By analyzing existing cross correlation between Bomesc Offshore Engineering and Zhongyin Babi Food, you can compare the effects of market volatilities on Bomesc Offshore and Zhongyin Babi and check how they will diversify away market risk if combined in the same portfolio for a given time horizon. You can also utilize pair trading strategies of matching a long position in Bomesc Offshore with a short position of Zhongyin Babi. Check out your portfolio center. Please also check ongoing floating volatility patterns of Bomesc Offshore and Zhongyin Babi.

Diversification Opportunities for Bomesc Offshore and Zhongyin Babi

0.62
  Correlation Coefficient

Poor diversification

The 3 months correlation between Bomesc and Zhongyin is 0.62. Overlapping area represents the amount of risk that can be diversified away by holding Bomesc Offshore Engineering and Zhongyin Babi Food in the same portfolio, assuming nothing else is changed. The correlation between historical prices or returns on Zhongyin Babi Food and Bomesc Offshore is a relative statistical measure of the degree to which these equity instruments tend to move together. The correlation coefficient measures the extent to which returns on Bomesc Offshore Engineering are associated (or correlated) with Zhongyin Babi. Values of the correlation coefficient range from -1 to +1, where. The correlation of zero (0) is possible when the price movement of Zhongyin Babi Food has no effect on the direction of Bomesc Offshore i.e., Bomesc Offshore and Zhongyin Babi go up and down completely randomly.

Pair Corralation between Bomesc Offshore and Zhongyin Babi

Assuming the 90 days trading horizon Bomesc Offshore Engineering is expected to under-perform the Zhongyin Babi. But the stock apears to be less risky and, when comparing its historical volatility, Bomesc Offshore Engineering is 1.6 times less risky than Zhongyin Babi. The stock trades about -0.03 of its potential returns per unit of risk. The Zhongyin Babi Food is currently generating about 0.04 of returns per unit of risk over similar time horizon.
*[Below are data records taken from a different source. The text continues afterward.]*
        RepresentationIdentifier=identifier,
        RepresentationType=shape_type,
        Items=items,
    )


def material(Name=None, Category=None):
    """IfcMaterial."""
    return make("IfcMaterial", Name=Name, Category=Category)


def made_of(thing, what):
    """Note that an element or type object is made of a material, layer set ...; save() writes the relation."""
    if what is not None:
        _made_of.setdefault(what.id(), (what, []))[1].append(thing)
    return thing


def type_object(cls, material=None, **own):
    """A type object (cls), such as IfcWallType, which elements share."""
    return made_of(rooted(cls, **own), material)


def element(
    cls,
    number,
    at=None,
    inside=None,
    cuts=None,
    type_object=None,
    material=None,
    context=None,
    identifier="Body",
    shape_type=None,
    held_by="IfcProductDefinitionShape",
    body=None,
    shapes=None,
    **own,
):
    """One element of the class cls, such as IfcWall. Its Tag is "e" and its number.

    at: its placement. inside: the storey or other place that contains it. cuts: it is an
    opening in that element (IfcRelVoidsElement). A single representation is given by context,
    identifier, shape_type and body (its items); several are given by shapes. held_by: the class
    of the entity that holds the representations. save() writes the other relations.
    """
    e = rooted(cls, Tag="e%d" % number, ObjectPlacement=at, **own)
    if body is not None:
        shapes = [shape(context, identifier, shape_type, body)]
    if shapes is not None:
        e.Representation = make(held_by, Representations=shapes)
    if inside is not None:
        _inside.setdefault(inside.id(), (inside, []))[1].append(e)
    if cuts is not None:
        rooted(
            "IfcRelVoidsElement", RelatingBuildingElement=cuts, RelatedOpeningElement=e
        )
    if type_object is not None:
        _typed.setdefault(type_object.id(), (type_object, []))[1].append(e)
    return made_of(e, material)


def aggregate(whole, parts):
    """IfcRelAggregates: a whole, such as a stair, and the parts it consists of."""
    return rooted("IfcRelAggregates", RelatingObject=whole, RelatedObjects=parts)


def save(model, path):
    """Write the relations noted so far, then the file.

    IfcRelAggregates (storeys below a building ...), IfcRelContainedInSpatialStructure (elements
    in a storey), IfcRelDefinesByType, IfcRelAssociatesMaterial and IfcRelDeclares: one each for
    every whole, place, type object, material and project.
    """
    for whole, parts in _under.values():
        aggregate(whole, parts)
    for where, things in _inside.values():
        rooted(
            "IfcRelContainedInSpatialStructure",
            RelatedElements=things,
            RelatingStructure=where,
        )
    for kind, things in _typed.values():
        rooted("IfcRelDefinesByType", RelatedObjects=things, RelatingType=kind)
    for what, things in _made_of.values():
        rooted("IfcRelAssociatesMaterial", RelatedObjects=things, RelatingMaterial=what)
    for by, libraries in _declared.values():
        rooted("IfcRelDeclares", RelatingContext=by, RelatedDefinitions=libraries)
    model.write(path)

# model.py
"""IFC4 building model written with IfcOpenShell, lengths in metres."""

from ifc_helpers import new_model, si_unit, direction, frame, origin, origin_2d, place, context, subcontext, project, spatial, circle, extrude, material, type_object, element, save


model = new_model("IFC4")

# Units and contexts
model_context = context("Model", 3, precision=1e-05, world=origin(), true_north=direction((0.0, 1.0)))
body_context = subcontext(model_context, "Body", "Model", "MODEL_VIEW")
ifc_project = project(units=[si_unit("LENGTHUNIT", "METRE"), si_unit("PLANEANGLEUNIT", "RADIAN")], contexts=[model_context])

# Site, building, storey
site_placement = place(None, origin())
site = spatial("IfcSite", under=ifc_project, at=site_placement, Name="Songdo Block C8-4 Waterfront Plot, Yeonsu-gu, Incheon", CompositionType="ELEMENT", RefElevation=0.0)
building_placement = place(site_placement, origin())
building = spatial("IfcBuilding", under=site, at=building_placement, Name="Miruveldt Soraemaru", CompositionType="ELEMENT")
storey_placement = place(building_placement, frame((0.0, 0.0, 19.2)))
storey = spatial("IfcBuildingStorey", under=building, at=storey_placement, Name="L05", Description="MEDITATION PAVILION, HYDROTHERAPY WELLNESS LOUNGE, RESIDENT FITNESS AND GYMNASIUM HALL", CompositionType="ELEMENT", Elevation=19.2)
If you would invest  1,548  in Zhongyin Babi Food on October 14, 2024 and sell it today you would earn a total of  70.00  from holding Zhongyin Babi Food or generate 4.52% return on investment over 90 days.
Time Period3 Months [change]
DirectionMoves Together 
StrengthSignificant
Accuracy100.0%
ValuesDaily Returns

Bomesc Offshore Engineering  vs.  Zhongyin Babi Food

 Performance 
       Timeline  
Bomesc Offshore Engi 

Risk-Adjusted Performance

0 of 100

 
Weak
 
Strong
Very Weak
Over the last 90 days Bomesc Offshore Engineering has generated negative risk-adjusted returns adding no value to investors with long positions. Despite somewhat strong basic indicators, Bomesc Offshore is not utilizing all of its potentials. The current stock price disturbance, may contribute to short-term losses for the investors.
Zhongyin Babi Food 

Risk-Adjusted Performance

3 of 100

 
Weak
 
Strong
Insignificant
Compared to the overall equity markets, risk-adjusted returns on investments in Zhongyin Babi Food are ranked lower than 3 (%) of all global equities and portfolios over the last 90 days. Despite somewhat weak basic indicators, Zhongyin Babi may actually be approaching a critical reversion point that can send shares even higher in February 2025.

Bomesc Offshore and Zhongyin Babi Volatility Contrast

   Predicted Return Density   
       Returns  

Pair Trading with Bomesc Offshore and Zhongyin Babi

The main advantage of trading using opposite Bomesc Offshore and Zhongyin Babi positions is that it hedges away some unsystematic risk. Because of two separate transactions, even if Bomesc Offshore position performs unexpectedly, Zhongyin Babi can make up some of the losses. Pair trading also minimizes risk from directional movements in the market. For example, if an entire industry or sector drops because of unexpected headlines, the short position in Zhongyin Babi will offset losses from the drop in Zhongyin Babi's long position.
The idea behind Bomesc Offshore Engineering and Zhongyin Babi Food pairs trading is to make the combined position market-neutral, meaning the overall market's direction will not affect its win or loss (or potential downside or upside). This can be achieved by designing a pairs trade with two highly correlated stocks or equities that operate in a similar space or sector, making it possible to obtain profits through simple and relatively low-risk investment.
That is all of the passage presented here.